Though many enterprises consider themselves on the leading edge of innovation, balance sheets tell a different story, the Syntax report said. “AI and analytics projects—the kind that genuinely prepares enterprises for the future—caused companies the most significant financial losses over the last year. Additionally, no single technology was a sure bet for ROI.”
There is also a disconnect between IT and finance. While 61% of IT respondents reported positive ROI for cloud investments, only half of finance respondents reported neutral ROI on cloud infrastructure investments.
The report also shines a spotlight on talent woes. Forty-five percent of respondents said they don’t have the talent to migrate to a public cloud. Further, only 36% of companies think they have the staff to implement AI automation.
Additionally, automation investments are seeing the lowest returns with only 42% of enterprises reporting positive ROI–potentially another symptom of talent shortages.
SEE: Innovate or optimize? Companies need to operate like it’s 2020 for the next four years (TechRepublic)
Plans for 2022
Enterprise technology investments will run the gamut over the next year. Not surprisingly, cloud migration spending and improving cybersecurity tied for first in the areas enterprises said they will invest in “significantly” in 2022.
Ninety-four percent of leaders said cloud investment was up due to the pandemic, and only 1% said they had no budget for cloud over the next year.
However, building remote capabilities will draw the most investment in 2022 with only 4% of respondents saying their companies won’t invest anything in this area.
Digital transformation shows no sign of slowing.

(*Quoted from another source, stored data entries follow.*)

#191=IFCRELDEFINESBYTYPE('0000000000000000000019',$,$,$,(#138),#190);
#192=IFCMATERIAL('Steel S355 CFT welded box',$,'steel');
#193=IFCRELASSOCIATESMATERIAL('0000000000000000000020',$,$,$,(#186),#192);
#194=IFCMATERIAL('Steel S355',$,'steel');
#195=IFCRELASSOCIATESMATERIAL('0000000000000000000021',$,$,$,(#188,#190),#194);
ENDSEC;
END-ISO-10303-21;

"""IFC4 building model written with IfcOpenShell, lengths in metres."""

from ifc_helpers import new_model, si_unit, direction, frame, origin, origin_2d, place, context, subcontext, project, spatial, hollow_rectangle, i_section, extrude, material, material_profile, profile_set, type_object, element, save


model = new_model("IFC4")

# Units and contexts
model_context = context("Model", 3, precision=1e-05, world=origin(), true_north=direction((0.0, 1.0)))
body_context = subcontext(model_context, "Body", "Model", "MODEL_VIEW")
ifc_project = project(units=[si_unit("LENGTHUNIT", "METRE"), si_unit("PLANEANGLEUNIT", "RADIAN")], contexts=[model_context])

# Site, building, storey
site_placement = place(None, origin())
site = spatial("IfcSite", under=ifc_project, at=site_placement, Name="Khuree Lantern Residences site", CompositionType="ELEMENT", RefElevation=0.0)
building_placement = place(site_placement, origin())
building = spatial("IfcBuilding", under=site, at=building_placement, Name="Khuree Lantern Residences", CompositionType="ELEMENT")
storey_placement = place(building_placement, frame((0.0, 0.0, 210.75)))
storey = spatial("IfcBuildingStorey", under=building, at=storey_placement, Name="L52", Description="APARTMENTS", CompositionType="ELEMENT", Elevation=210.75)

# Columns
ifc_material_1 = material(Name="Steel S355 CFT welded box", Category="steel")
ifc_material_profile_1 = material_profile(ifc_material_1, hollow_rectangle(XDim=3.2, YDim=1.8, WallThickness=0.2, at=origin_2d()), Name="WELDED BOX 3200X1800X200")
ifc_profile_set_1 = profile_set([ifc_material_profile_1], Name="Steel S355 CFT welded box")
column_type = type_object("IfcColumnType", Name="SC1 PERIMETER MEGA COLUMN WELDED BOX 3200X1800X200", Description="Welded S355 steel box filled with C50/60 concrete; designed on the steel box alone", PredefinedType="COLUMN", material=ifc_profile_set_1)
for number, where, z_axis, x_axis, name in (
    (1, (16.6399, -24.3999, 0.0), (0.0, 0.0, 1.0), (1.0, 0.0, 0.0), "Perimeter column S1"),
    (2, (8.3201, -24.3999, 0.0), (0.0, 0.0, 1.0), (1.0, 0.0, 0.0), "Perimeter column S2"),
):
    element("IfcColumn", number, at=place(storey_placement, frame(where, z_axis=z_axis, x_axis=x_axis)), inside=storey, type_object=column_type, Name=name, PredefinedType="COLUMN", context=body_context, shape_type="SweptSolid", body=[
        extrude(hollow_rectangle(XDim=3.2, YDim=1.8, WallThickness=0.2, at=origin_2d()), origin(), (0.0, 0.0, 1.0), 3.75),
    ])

Next year, 44% of companies said they will heavily invest in building business intelligence capabilities. “Because these types of capabilities demand high levels of data sophistication and cloud computing, it is becoming increasingly clear that some enterprises are in new stages of the digital transformation process, ” the report said.
One call to action is that enterprises “need to get serious about automation” if they want to be leading edge. Right now, 48% of businesses surveyed said they have automated more than half of their processes. But that number will only grow to 58% over the next five years, based on planned spending.
Talent remains the holdup, according to the report. For 55% of businesses, a lack of IT staff knowledge is holding back further innovation in automation.
Other challenges incorporating automation into business processes include lack of adequate technology, insufficient buy-in from leadership, employee pushback and lack of budget.
Another call to action is that enterprises reassess their strategy. Respondents saw some of the lowest ROI in managed service provider relationships in the last 12 months, the report said. Additionally, 41% of those who invested in IT managed services saw neutral or negative ROI.
“Based on these numbers, it’s critical to examine existing outsourced IT relationships and determine whether the relationship is still valuable.”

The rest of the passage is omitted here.